Saturday, August 7, 2010

No Moon Man for you!

T-shirt Quote at a rest stop in Black River Falls, Wi

In order to fully understand this post or lack of post, here is what you need to know about my life over the past few days and days to come.

I have traveled from Chicago, IL to Madison, Wi-back to Chicago, back to Madison then on to Black River Falls, Wisconsin. The journey continues through MN, SD, WY, MT, WA & Finally OR. As I type this, I am on I-90 outside Blue Earth, MN. I started this adventure on August 5th at 7pm CST and it is now 6pm CST, August 7th.

I deserve a beer! This is what brings me to the most fantastic and the most tragic part of this journey.

My beer loving boyfriend, (who is the reason for this epic journey-bringing him to his new home in Beaverton, Oregon) decides to take a short potty stop @ a BP in Tomah, Wisconsin.  Blink, and you will miss it. Relax, we didn't buy gas here and so what if we did? This is a beer blog not a Save the Whales campaign.  We did however, contribute to the merchant's convenient store sales. Let me explain.

FANTASTIC PART: Much to my surprise, "D" says "I should pick up some Wisconsin Beer here."  Queue Saliva. Although overjoyed at the possibility of my version of "picking out the perfect out fit", finding America's Dairyland's perfect brew, I am skeptical.  I mean you have to understand, the magazine rack only had magazines with the special black plastic cover on it. 

 As it turns out there was one hidden Gem, New Glarus Brewery Moon Man!   I was delighted, I have never had this beer and although the brewery sounds familiar....I am intrigued as "D" points out it is not distributed across the state line of Wisconsin.   This IS a fantastic purchase.

This is where I tell you about the beer and it's delicious hops or smooth finish, blah blah blah. 

TRAGIC PART:  As the photo above explains: "Life is Crap".  "D" with enthusiasm says "I promised my new roommate in Portland, I would bring him back some Wisconsin beer!"  Queue frowny face!  I want "D" to make new friends, so I accept that beers fate and go to the counter with him to pay with my shoulders slumped forward. The cashier than says, "Wow, that Moon Man is excellent."  Conspiracy.

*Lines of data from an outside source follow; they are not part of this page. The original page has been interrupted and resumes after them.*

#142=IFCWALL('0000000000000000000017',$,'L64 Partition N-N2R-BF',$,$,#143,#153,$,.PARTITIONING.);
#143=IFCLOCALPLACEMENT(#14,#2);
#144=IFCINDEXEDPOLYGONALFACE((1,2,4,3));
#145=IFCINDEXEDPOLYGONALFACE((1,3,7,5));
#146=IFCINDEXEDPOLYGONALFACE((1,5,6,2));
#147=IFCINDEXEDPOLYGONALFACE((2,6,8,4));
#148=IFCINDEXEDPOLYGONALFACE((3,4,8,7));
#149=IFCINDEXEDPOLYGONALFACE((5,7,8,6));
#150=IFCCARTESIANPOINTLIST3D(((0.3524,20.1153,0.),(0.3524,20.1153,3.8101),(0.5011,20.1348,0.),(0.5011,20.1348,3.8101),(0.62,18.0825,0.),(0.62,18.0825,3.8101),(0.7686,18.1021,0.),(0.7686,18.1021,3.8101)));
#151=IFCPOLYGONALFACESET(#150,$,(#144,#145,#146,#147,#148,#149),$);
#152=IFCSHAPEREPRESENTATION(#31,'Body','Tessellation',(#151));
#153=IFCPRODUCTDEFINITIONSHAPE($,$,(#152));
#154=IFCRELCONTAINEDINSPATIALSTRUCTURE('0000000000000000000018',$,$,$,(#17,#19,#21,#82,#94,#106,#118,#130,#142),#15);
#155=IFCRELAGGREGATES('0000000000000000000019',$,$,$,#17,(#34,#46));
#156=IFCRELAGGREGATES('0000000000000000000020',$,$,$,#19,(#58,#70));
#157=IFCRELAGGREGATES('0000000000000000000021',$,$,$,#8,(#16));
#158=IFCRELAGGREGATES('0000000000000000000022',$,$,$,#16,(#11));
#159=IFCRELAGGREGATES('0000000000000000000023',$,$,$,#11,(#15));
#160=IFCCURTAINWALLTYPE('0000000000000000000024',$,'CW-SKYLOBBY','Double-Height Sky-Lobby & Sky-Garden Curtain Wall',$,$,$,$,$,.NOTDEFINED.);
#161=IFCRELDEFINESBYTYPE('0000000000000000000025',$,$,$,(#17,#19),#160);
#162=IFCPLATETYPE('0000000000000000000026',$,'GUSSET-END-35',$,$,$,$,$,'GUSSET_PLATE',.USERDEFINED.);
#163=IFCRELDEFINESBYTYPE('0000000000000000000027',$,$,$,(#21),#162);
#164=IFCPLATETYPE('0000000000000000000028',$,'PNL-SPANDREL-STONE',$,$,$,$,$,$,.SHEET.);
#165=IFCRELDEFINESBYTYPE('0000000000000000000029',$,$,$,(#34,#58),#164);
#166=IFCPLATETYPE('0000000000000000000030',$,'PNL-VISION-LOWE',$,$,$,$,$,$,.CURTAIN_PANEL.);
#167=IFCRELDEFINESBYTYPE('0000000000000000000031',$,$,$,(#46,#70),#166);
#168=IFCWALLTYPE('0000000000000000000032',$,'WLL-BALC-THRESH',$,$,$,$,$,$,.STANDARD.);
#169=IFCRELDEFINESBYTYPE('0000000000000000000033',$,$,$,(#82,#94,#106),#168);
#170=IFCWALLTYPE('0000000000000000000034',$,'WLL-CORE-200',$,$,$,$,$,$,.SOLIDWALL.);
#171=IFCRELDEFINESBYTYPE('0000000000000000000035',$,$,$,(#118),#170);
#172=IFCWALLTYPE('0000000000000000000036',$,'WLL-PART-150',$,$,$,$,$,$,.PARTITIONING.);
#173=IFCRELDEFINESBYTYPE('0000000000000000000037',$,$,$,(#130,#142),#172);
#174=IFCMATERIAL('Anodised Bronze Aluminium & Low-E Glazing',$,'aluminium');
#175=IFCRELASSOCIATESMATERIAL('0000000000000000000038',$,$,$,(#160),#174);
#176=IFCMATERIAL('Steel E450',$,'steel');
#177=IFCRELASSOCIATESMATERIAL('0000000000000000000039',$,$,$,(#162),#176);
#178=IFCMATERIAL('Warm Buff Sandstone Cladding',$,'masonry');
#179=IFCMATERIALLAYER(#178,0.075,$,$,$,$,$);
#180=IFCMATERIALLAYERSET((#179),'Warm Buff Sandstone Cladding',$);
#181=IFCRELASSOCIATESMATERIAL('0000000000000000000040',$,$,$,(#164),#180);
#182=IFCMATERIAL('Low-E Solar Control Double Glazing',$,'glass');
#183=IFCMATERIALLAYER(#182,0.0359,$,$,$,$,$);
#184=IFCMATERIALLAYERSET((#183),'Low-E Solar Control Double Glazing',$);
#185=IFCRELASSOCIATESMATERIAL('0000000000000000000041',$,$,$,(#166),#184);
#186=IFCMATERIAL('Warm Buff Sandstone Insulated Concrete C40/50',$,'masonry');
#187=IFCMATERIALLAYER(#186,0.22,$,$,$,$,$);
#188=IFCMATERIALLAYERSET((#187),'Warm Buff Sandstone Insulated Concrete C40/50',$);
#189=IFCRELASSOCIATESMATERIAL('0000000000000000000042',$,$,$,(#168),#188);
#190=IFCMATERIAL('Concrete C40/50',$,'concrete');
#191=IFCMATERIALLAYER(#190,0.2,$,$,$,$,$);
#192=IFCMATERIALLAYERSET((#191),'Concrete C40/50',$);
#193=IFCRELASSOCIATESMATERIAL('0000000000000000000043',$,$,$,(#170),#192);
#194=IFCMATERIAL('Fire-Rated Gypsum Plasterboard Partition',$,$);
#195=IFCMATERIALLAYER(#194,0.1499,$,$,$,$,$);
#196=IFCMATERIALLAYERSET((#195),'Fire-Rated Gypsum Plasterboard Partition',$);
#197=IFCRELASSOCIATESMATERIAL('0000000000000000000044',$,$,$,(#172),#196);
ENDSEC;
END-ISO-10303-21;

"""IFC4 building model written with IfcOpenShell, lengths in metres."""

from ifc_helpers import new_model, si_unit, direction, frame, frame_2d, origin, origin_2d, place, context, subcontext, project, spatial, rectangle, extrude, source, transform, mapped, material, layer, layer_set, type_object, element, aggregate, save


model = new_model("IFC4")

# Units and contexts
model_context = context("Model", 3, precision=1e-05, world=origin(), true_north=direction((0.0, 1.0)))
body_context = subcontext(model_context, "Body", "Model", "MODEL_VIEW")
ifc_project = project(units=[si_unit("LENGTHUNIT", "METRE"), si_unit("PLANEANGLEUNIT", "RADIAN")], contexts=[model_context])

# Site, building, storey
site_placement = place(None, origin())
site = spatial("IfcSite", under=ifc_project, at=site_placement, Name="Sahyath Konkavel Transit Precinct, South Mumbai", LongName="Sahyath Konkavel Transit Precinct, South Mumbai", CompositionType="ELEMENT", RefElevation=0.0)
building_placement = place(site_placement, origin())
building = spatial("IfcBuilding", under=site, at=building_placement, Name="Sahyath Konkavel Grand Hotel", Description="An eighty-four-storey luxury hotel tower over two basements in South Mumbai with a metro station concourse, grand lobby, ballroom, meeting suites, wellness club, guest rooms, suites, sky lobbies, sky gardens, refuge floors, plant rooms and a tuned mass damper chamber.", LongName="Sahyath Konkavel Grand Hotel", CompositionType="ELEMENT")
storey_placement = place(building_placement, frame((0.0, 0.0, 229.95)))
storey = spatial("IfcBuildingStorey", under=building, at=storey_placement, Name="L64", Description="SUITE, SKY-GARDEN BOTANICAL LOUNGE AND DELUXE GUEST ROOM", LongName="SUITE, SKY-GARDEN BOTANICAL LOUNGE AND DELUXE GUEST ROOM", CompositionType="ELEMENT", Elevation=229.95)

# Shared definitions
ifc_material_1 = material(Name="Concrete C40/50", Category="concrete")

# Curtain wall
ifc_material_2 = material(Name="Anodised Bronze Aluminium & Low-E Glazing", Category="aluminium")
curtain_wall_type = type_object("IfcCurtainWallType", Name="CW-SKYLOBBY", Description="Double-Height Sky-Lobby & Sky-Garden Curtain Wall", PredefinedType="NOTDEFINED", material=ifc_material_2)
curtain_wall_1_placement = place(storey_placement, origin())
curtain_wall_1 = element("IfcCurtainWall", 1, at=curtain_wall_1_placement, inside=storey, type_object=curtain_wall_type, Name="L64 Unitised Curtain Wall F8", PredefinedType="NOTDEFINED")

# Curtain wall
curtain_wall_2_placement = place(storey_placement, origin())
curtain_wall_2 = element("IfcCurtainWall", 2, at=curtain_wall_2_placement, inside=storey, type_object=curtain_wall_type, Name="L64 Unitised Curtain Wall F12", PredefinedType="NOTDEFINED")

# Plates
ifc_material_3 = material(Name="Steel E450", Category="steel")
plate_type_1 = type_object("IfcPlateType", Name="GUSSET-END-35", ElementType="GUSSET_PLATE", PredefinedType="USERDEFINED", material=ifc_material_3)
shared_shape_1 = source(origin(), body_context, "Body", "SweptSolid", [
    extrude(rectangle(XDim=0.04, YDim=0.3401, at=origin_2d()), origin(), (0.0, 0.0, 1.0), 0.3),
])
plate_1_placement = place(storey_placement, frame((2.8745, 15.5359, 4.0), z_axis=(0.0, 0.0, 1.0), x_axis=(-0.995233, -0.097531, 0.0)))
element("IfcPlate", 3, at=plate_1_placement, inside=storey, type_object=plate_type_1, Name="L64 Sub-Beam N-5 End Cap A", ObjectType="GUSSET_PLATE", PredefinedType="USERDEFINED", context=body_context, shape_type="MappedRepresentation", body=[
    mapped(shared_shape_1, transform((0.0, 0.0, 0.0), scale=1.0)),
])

There ya have it peeps: The case of Moon Man is sitting in the back of the U-haul being hauled across country and each time we lift open the gate on the truck, it stares at me and laughs.  No beer to share with you today.  If anyone reading this has actually tried this beer as opposed to just buying it and well staring at it, then I encourage you to share in the comments section what I am missing.


P.s. I love the Whales and totally do what I can to save them!  You should too.

1 comment:

  1. You probably remember the name New Glarus for Spotted Cow. Not available in IL so everyone wants it. Over rated, Spotted Cow that is.